The Tehama Railroad Bridge is a railroad bridge that crosses the Sacramento River. It is located next the town of Tehama, California.

==History==
Beginning in September 1870, a surveying crew for the California and Oregon Railroad, at that point a subsidiary of the Central Pacific Railroad, began working in the area around Tehama, California for a new railroad bridge that would also allow for wagons to cross. By June 1871, work crews for the railroad had finally reached the town of Tehama. The railroad was built through the town's Chinatown quarter.
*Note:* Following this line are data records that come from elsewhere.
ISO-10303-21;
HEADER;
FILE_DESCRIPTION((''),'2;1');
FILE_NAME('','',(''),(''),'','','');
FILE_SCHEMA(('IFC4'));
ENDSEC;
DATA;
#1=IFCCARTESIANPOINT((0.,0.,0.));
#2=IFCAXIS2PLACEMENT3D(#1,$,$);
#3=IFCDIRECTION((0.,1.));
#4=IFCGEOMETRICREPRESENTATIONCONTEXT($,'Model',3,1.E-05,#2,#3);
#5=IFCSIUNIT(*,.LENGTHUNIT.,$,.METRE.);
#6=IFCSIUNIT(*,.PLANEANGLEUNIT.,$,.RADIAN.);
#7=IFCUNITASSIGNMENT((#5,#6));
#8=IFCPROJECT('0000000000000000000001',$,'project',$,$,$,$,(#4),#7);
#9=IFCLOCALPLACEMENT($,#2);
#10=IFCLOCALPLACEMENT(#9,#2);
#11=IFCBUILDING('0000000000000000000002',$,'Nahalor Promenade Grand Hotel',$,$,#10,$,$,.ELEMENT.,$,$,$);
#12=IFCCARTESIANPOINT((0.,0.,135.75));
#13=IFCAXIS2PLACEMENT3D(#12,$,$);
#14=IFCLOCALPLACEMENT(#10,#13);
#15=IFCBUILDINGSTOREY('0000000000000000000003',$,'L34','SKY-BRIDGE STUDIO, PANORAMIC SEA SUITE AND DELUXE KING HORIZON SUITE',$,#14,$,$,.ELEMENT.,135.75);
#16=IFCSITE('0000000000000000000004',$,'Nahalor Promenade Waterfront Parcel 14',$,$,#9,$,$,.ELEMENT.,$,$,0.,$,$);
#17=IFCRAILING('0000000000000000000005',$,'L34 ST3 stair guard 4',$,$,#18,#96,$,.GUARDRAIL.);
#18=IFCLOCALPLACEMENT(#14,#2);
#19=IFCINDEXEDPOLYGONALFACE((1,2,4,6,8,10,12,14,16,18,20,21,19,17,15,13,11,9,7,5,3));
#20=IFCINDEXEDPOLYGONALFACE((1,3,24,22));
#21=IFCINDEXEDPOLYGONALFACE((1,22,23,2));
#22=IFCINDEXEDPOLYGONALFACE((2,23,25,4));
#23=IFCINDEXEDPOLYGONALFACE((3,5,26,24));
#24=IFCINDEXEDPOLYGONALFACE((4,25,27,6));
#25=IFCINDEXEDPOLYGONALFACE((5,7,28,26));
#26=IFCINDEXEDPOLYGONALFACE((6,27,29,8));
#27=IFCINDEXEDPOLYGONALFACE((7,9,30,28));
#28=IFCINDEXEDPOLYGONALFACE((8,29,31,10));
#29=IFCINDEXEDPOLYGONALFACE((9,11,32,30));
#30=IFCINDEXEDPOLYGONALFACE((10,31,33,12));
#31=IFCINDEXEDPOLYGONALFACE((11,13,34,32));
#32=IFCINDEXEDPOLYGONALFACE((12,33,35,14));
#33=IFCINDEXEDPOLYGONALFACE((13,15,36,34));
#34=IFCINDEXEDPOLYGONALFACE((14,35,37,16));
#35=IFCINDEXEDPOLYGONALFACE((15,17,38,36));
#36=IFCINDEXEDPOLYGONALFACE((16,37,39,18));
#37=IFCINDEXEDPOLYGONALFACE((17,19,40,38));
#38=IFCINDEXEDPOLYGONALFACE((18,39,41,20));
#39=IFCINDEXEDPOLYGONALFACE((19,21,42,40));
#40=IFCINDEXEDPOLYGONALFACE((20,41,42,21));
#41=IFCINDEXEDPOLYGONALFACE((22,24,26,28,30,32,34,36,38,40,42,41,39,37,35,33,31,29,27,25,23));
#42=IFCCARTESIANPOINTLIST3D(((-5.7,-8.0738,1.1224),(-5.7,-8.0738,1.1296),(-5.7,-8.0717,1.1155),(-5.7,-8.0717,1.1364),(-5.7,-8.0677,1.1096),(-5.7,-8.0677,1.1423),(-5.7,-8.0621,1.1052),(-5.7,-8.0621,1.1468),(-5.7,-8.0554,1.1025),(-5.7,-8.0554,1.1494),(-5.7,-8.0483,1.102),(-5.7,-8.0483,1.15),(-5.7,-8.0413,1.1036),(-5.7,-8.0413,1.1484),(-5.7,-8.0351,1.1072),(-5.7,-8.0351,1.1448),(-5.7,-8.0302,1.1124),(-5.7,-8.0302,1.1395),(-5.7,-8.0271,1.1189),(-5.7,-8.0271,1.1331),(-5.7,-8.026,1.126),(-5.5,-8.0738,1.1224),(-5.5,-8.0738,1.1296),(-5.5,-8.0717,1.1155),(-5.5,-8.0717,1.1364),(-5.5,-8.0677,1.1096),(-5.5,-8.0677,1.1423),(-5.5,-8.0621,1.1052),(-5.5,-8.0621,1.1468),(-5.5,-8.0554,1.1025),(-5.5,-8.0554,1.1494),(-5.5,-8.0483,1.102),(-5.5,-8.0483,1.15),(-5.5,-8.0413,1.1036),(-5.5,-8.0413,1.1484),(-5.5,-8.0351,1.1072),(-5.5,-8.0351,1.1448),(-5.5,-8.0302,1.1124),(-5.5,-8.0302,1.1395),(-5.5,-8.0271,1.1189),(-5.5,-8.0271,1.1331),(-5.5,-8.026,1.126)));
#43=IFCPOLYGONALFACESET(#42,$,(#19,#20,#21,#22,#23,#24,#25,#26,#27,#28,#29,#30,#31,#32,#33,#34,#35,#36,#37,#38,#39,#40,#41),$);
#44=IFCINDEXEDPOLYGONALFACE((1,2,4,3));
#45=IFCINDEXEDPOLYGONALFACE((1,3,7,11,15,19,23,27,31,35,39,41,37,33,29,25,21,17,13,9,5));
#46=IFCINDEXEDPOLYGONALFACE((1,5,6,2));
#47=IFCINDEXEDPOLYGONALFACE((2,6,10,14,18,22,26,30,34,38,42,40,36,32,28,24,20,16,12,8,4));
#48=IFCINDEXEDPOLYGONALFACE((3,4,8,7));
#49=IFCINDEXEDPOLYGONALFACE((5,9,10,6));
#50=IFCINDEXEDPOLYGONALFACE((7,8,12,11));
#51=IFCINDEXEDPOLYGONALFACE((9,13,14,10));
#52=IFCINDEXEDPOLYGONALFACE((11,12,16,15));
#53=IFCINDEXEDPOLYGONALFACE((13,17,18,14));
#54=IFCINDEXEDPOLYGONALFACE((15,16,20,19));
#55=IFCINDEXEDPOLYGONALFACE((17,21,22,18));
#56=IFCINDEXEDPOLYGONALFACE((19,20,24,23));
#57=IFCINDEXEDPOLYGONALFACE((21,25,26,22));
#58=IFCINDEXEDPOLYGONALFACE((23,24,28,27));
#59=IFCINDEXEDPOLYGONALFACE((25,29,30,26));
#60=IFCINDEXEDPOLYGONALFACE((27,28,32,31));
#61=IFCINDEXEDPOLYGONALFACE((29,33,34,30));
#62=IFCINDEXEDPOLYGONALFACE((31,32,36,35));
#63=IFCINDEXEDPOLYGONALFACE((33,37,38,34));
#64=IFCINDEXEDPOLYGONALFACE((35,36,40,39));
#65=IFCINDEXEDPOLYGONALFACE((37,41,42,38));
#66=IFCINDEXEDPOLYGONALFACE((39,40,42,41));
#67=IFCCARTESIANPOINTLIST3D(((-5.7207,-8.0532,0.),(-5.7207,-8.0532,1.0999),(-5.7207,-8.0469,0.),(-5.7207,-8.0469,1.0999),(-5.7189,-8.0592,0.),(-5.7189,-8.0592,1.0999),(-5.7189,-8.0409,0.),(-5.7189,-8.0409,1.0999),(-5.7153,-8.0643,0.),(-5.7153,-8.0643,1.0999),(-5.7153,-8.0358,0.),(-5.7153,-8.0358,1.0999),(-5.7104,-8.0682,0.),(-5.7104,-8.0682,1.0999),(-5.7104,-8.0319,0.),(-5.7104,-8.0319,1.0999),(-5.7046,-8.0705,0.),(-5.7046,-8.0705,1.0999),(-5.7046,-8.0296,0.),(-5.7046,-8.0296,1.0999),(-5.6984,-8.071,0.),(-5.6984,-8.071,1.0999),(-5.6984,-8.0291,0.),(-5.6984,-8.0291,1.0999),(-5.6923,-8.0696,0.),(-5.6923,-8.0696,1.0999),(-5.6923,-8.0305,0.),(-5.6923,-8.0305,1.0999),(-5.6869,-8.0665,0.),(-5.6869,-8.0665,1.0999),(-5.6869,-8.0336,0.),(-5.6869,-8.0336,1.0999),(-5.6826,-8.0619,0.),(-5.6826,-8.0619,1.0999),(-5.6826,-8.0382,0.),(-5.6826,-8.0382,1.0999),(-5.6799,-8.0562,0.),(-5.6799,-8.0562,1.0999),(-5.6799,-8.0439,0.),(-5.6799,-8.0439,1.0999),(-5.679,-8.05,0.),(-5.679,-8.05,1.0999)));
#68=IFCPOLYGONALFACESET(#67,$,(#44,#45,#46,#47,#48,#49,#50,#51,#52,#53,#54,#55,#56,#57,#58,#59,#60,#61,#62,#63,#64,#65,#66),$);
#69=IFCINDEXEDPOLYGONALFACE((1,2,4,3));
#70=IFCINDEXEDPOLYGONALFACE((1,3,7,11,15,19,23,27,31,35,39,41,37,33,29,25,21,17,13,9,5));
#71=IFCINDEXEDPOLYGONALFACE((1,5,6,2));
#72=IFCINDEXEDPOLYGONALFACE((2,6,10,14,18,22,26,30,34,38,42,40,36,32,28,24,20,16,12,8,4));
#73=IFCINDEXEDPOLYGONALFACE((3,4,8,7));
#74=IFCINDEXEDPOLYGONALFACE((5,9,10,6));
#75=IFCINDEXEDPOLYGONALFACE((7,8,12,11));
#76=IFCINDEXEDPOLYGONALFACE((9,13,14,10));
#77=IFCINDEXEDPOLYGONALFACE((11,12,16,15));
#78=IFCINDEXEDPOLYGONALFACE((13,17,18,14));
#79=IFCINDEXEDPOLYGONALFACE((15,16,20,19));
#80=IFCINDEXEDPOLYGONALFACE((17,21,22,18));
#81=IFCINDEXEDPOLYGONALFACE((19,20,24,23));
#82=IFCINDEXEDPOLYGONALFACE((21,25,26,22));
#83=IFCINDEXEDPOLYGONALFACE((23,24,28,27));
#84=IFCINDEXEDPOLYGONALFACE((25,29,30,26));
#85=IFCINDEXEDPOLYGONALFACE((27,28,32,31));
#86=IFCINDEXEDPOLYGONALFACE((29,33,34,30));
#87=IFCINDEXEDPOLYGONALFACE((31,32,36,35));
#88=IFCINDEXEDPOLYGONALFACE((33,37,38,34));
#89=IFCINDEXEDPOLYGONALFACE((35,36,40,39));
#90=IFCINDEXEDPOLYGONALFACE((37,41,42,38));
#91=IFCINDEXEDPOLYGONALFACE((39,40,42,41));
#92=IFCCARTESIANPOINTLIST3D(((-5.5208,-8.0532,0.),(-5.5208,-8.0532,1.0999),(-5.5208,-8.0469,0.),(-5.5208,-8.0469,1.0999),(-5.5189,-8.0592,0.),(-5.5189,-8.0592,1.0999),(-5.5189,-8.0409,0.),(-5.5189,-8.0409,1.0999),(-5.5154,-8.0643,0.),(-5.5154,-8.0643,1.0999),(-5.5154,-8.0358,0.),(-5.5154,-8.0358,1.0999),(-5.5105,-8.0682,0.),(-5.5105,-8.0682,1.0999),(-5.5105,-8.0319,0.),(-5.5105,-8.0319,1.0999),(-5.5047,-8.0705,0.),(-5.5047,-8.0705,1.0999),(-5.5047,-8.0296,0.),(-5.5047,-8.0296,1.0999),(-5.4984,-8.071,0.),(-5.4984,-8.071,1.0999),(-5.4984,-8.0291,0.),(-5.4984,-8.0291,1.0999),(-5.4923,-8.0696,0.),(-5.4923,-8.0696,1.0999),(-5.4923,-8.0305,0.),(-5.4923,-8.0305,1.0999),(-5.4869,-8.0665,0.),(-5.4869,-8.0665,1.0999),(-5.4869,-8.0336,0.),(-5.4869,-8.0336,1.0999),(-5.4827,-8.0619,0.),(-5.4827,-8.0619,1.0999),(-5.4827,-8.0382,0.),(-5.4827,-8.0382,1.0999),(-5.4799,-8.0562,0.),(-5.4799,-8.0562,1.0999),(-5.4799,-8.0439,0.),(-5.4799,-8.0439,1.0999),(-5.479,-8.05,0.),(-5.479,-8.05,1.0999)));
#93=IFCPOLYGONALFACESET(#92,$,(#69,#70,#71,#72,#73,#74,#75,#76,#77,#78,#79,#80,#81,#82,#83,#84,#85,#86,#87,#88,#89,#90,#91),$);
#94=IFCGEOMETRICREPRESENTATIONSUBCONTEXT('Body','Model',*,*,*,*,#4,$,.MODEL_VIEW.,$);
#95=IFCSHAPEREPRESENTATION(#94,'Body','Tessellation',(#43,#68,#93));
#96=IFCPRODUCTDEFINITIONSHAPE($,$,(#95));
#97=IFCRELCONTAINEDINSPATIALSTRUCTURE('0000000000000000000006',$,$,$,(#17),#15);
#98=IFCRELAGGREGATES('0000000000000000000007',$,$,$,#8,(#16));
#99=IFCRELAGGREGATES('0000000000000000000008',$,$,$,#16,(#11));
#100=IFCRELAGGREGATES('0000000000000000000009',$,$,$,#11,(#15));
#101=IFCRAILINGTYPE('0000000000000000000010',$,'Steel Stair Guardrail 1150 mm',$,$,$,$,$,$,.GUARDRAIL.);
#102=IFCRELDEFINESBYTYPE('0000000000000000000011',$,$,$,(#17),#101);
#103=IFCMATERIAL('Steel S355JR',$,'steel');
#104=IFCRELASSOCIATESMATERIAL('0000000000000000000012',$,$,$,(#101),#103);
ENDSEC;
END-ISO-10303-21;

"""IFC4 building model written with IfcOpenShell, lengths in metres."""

from ifc_helpers import new_model, si_unit, direction, frame, origin, origin_2d, place, context, subcontext, project, spatial, circle, extrude, material, type_object, element, save


model = new_model("IFC4")

# Units and contexts
model_context = context("Model", 3, precision=1e-05, world=origin(), true_north=direction((0.0, 1.0)))
body_context = subcontext(model_context, "Body", "Model", "MODEL_VIEW")
ifc_project = project(units=[si_unit("LENGTHUNIT", "METRE"), si_unit("PLANEANGLEUNIT", "RADIAN")], contexts=[model_context])

# Site, building, storey
site_placement = place(None, origin())
site = spatial("IfcSite", under=ifc_project, at=site_placement, Name="Nahalor Promenade Waterfront Parcel 14", CompositionType="ELEMENT", RefElevation=0.0)
building_placement = place(site_placement, origin())
building = spatial("IfcBuilding", under=site, at=building_placement, Name="Nahalor Promenade Grand Hotel", CompositionType="ELEMENT")
storey_placement = place(building_placement, frame((0.0, 0.0, 135.75)))
storey = spatial("IfcBuildingStorey", under=building, at=storey_placement, Name="L34", Description="SKY-BRIDGE STUDIO, PANORAMIC SEA SUITE AND DELUXE KING HORIZON SUITE", CompositionType="ELEMENT", Elevation=135.75)

# Shared definitions
ifc_material_1 = material(Name="Steel S355JR", Category="steel")

# Railing
railing_type_1 = type_object("IfcRailingType", Name="Steel Stair Guardrail 1150 mm", PredefinedType="GUARDRAIL", material=ifc_material_1)
railing_1_placement = place(storey_placement, frame((-5.7, -8.05, 0.0)))
element("IfcRailing", 1, at=railing_1_placement, inside=storey, type_object=railing_type_1, Name="L34 ST3 stair guard 4", PredefinedType="GUARDRAIL", context=body_context, shape_type="SweptSolid", body=[
    extrude(circle(Radius=0.024, at=origin_2d()), frame((0.0, 0.0, 1.126), z_axis=(1.0, 0.0, 0.0), x_axis=(0.0, 1.0, 0.0)), (0.0, 0.0, 1.0), 0.2),
    extrude(circle(Radius=0.021, at=origin_2d()), origin(), (0.0, 0.0, 1.0), 1.0999),
    extrude(circle(Radius=0.021, at=origin_2d()), frame((0.2, 0.0, 0.0)), (0.0, 0.0, 1.0), 1.0999),
])

save(model, "model.ifc")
By June 4, the work to construct this first iteration of the bridge had commenced. Materials for construction of the railroad bridge and surrounding right of way began arriving in the following weeks, with up to 60 bridge builders being brought in, alongside a grading work crew. It took these work crews a little over two months to complete the work, eventually finishing on August 12, 1871.

The first train to cross the bridge was the locomotive "Falcon", and then the "Clipper" locomotive, which had attached to it a baggage and passenger car. Regular passenger trains would not arrive in Tehama for several days because the depot was not completed at the time of the bridge's completion.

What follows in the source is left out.